As pessoas que ambicionam estar dentro das tendências do momento precisam lidar com um grande volume de compras mensais para se adequar a cada uma das peças que estão aparecendo diariamente em suas telas como a tendência do momento. E para lidar com essas compras em excesso, muitas pessoas recorrem às marcas que vendem os produtos que se adequem ao combo: dentro das tendências do momento e com um preço relativamente baixo.


Essas peças podem até terem um saldo positivo na questão financeira, mas elas têm um custo bem negativo que vai contra toda a onda de sustentabilidade e questões sociais, que foram dois assuntos colocados em pauta nos últimos anos. O histórico dessas marcas que se adequam ao ultra fast fashion são nebulosas e nada certeiras: afinal, direitos trabalhistas e preocupação com o meio ambiente não combinam com o modo de operação dessa nova onda de consumo rápido.


“É difícil a gente dividir hoje mundo digital do mundo físico. As redes também operam dentro desta mesma lógica do Fast Fashion, da aceleração, de uma alta produtividade, de uma maior margem de lucro, de cada vez mais pessoas trabalhando para conduzir o processo. Então, se a gente for parar para pensar, a logística é praticamente a mesma”, é o que explica Julia Codogno, comunicadora de moda e sustentabilidade.

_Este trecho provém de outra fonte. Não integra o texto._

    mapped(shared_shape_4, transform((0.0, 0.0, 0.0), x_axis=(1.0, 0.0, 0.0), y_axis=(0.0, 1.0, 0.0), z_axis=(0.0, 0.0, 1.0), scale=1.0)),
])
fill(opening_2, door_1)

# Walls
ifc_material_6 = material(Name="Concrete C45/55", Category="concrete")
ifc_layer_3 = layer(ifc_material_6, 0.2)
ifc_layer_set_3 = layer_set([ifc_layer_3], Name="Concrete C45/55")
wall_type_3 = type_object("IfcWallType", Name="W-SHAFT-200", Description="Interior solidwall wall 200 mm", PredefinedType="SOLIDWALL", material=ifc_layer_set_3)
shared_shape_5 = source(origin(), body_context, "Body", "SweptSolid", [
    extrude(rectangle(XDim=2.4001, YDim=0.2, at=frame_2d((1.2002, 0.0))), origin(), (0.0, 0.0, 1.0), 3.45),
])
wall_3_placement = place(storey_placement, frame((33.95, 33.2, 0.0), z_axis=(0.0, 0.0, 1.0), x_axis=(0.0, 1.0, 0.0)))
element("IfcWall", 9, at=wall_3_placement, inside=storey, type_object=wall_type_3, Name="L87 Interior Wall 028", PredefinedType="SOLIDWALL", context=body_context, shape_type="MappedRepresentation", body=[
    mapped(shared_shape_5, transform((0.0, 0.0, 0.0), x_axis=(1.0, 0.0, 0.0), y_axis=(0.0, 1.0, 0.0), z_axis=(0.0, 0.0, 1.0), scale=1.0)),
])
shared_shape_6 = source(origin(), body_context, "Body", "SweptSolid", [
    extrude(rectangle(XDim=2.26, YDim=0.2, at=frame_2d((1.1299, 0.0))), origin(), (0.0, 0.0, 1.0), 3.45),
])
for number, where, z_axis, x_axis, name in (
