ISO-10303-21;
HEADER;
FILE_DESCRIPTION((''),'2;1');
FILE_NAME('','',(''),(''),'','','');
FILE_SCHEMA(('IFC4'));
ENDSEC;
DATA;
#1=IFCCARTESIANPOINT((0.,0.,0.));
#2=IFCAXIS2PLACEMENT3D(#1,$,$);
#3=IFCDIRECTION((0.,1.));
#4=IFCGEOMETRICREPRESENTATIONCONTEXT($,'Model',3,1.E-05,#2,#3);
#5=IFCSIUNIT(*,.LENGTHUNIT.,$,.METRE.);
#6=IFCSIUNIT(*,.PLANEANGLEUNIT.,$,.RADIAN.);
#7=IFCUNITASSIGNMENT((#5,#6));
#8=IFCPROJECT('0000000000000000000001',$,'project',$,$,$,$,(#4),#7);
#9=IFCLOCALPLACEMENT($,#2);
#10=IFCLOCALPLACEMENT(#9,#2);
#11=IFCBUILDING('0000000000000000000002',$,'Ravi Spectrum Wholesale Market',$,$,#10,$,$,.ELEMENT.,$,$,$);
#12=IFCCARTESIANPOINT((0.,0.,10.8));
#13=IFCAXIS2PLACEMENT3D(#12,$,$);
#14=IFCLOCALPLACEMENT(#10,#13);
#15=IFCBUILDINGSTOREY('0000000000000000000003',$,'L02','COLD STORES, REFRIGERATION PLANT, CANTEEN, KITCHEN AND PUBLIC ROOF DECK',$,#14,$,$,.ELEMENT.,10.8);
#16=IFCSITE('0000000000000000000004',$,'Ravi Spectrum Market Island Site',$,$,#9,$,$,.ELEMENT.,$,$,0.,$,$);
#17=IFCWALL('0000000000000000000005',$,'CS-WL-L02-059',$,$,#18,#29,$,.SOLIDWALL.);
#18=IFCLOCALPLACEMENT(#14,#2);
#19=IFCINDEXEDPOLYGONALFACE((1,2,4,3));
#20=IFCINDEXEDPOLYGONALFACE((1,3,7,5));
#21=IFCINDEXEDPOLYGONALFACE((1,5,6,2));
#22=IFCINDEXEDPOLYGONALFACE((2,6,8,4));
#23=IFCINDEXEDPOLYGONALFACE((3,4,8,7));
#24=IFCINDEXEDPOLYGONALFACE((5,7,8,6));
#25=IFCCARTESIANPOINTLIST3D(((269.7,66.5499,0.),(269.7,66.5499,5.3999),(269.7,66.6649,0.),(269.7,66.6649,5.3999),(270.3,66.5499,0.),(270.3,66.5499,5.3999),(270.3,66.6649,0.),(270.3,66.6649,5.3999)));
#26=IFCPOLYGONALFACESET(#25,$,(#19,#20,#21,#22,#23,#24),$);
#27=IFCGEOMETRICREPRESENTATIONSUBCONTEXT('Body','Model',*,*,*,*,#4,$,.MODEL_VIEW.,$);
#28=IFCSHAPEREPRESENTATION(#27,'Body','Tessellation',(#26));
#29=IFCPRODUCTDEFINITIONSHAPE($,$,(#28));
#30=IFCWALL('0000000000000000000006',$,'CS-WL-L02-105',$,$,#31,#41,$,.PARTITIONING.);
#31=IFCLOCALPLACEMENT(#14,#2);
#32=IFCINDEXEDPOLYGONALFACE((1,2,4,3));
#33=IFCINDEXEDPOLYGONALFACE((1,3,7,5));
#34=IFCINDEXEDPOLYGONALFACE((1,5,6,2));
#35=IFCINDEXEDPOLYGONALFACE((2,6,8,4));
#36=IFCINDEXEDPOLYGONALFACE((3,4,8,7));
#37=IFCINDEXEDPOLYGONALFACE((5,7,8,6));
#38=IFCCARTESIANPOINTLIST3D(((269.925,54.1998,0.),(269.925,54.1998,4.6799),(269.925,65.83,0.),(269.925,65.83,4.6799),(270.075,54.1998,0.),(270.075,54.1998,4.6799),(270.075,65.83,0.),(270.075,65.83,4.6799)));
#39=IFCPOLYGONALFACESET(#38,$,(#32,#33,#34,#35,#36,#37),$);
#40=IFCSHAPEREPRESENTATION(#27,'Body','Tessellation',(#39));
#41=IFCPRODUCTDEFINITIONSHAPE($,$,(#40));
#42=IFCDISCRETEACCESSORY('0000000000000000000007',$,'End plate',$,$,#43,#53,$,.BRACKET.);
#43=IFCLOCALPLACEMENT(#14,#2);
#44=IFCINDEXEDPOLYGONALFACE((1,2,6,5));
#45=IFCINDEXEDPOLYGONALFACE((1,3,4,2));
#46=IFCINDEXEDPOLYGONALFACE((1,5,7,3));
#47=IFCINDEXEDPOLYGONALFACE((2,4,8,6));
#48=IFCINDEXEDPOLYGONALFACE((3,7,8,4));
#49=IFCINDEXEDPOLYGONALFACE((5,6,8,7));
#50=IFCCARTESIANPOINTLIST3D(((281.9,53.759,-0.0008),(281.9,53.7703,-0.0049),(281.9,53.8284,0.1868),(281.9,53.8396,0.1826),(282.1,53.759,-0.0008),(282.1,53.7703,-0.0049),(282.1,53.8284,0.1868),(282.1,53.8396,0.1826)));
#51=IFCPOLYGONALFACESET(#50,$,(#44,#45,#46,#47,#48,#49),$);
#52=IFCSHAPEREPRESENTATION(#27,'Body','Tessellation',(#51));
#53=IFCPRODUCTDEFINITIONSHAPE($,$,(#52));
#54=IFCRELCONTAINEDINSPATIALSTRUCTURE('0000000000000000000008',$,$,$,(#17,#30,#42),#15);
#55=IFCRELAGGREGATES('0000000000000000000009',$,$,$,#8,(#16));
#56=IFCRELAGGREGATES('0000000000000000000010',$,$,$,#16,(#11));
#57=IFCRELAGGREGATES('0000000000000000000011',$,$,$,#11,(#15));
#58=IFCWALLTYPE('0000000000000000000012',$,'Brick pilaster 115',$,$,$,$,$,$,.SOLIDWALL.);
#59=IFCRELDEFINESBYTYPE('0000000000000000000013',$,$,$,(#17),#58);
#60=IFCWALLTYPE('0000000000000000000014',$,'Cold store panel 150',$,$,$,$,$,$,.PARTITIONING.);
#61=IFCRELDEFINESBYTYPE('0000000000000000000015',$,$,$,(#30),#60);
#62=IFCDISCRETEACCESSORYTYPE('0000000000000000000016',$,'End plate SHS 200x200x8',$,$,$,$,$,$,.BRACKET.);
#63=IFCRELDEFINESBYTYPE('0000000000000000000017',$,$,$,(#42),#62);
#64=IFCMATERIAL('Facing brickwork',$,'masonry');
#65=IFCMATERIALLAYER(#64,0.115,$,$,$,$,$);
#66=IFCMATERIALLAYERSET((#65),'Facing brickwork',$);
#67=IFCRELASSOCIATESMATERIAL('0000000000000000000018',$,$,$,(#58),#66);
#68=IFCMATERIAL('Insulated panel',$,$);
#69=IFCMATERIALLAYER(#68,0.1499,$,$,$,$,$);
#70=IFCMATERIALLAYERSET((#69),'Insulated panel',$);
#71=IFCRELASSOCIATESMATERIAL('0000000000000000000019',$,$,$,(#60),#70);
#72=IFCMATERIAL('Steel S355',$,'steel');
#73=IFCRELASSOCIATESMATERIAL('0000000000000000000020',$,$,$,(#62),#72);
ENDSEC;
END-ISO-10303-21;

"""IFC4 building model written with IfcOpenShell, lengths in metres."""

from ifc_helpers import new_model, si_unit, direction, frame, frame_2d, origin, origin_2d, place, context, subcontext, project, spatial, rectangle, extrude, material, layer, layer_set, material_profile, profile_set, type_object, element, save


model = new_model("IFC4")

# Units and contexts
model_context = context("Model", 3, precision=1e-05, world=origin(), true_north=direction((0.0, 1.0)))
body_context = subcontext(model_context, "Body", "Model", "MODEL_VIEW")
ifc_project = project(units=[si_unit("LENGTHUNIT", "METRE"), si_unit("PLANEANGLEUNIT", "RADIAN")], contexts=[model_context])

# Site, building, storey
site_placement = place(None, origin())
site = spatial("IfcSite", under=ifc_project, at=site_placement, Name="Ravi Spectrum Market Island Site", CompositionType="ELEMENT", RefElevation=0.0)
building_placement = place(site_placement, origin())
building = spatial("IfcBuilding", under=site, at=building_placement, Name="Ravi Spectrum Wholesale Market", CompositionType="ELEMENT")
storey_placement = place(building_placement, frame((0.0, 0.0, 10.8)))
storey = spatial("IfcBuildingStorey", under=building, at=storey_placement, Name="L02", Description="COLD STORES, REFRIGERATION PLANT, CANTEEN, KITCHEN AND PUBLIC ROOF DECK", CompositionType="ELEMENT", Elevation=10.8)

# Walls
ifc_material_1 = material(Name="Facing brickwork", Category="masonry")
ifc_layer_1 = layer(ifc_material_1, 0.115)
ifc_layer_set_1 = layer_set([ifc_layer_1], Name="Facing brickwork")
wall_type_1 = type_object("IfcWallType", Name="Brick pilaster 115", PredefinedType="SOLIDWALL", material=ifc_layer_set_1)
wall_1_placement = place(storey_placement, frame((270.3, 66.6074, 0.0), z_axis=(0.0, 0.0, 1.0), x_axis=(-1.0, 0.0, 0.0)))
element("IfcWall", 1, at=wall_1_placement, inside=storey, type_object=wall_type_1, Name="CS-WL-L02-059", PredefinedType="SOLIDWALL", context=body_context, shape_type="SweptSolid", body=[
    extrude(rectangle(XDim=0.6001, YDim=0.115, at=frame_2d((0.3, 0.0))), origin(), (0.0, 0.0, 1.0), 5.3999),
])
ifc_material_2 = material(Name="Insulated panel")
ifc_layer_2 = layer(ifc_material_2, 0.1499)
ifc_layer_set_2 = layer_set([ifc_layer_2], Name="Insulated panel")
wall_type_2 = type_object("IfcWallType", Name="Cold store panel 150", PredefinedType="PARTITIONING", material=ifc_layer_set_2)
wall_2_placement = place(storey_placement, frame((270.0, 54.2, 0.0), z_axis=(0.0, 0.0, 1.0), x_axis=(0.0, 1.0, 0.0)))
element("IfcWall", 2, at=wall_2_placement, inside=storey, type_object=wall_type_2, Name="CS-WL-L02-105", PredefinedType="PARTITIONING", context=body_context, shape_type="SweptSolid", body=[
    extrude(rectangle(XDim=11.6301, YDim=0.1499, at=frame_2d((5.8149, 0.0))), origin(), (0.0, 0.0, 1.0), 4.6799),
])

# Discrete accessory
ifc_material_3 = material(Name="Steel S355", Category="steel")
ifc_material_profile_1 = material_profile(ifc_material_3, rectangle(XDim=0.2, YDim=0.2, at=origin_2d()))
ifc_profile_set_1 = profile_set([ifc_material_profile_1], Name="Steel S355")
discrete_accessory_type = type_object("IfcDiscreteAccessoryType", Name="End plate SHS 200x200x8", PredefinedType="BRACKET", material=ifc_profile_set_1)
discrete_accessory_placement = place(storey_placement, frame((282.0, 53.7937, 0.093), z_axis=(0.0, 0.937994, -0.34665), x_axis=(-1.0, 0.0, 0.0)))
element("IfcDiscreteAccessory", 3, at=discrete_accessory_placement, inside=storey, type_object=discrete_accessory_type, Name="End plate", PredefinedType="BRACKET", context=body_context, shape_type="SweptSolid", body=[
    extrude(rectangle(XDim=0.2, YDim=0.2, at=origin_2d()), origin(), (0.0, 0.0, 1.0), 0.012),
])

save(model, "model.ifc")
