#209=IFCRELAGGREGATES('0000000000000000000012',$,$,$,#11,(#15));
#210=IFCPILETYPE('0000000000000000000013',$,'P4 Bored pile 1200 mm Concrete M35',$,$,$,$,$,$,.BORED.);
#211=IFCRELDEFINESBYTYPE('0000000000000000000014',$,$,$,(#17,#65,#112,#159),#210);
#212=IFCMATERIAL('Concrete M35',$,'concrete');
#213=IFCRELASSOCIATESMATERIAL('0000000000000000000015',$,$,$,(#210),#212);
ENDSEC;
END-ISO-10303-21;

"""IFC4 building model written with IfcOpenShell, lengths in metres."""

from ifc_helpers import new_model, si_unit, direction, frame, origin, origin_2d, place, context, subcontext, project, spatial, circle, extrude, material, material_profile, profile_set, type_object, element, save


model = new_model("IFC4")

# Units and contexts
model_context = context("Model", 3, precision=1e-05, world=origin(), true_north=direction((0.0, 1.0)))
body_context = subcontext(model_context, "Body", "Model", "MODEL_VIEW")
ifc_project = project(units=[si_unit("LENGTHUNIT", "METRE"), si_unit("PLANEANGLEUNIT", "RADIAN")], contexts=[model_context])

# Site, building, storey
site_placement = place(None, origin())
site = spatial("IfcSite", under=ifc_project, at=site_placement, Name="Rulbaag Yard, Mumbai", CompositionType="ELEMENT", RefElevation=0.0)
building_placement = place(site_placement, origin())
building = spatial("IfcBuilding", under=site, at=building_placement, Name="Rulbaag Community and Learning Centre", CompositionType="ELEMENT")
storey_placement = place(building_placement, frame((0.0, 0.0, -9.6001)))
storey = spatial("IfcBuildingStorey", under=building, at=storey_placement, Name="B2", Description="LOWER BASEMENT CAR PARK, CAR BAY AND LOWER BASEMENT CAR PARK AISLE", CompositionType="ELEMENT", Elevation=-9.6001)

Um exemplo de marca que se adequa ao ultra fast fashion e todo o novo sistema de tendências é a própria Shein, queridinha da Geração Z. De acordo com uma notícia produzida por Lora Jones para a BBC em novembro de 2021, a Shein adiciona cerca de 6 mil novos itens ao seu catálogo digital diariamente, com um preço médio de R$ 58 por produto. 


Na aba “Sobre Nós” do próprio site da Shein, é possível observar como a marca é focada justamente no aproveitamento do cenário em que as tendências são criadas quase diariamente: “Quando a empresa foi fundada em 2012, percebemos que as empresas de moda tinham que escolher entre oferecer escolha ou reduzir a pressão de estoque e o desperdício. Para mudar isso, [fomos] liderando o desenvolvimento de processos e tecnologias alternativas para trazer a moda para o futuro”.


Através destas pesquisas, é possível ver a relevância e a grandiosidade da marca – principalmente por terem se adaptado tão bem às redes sociais. No TikTok, ao buscar pela hashtag #Shein, não fica difícil encontrar diversos conteúdos relacionados a marca: unboxing; como eram as peças no anúncio e como elas chegaram; roupas que estão no app por um preço baixo e são similares a peças de grifes; como construir determinado look usando peças somente da marca chinesa. Pensando no contexto nacional, um case perfeito para demonstrar o que vimos até aqui é a proposta da marca C&A de criar uma mini coleção a cada 24 horas. Os produtos seriam baseados nas hashtags mais usadas ou nos assuntos que viralizaram.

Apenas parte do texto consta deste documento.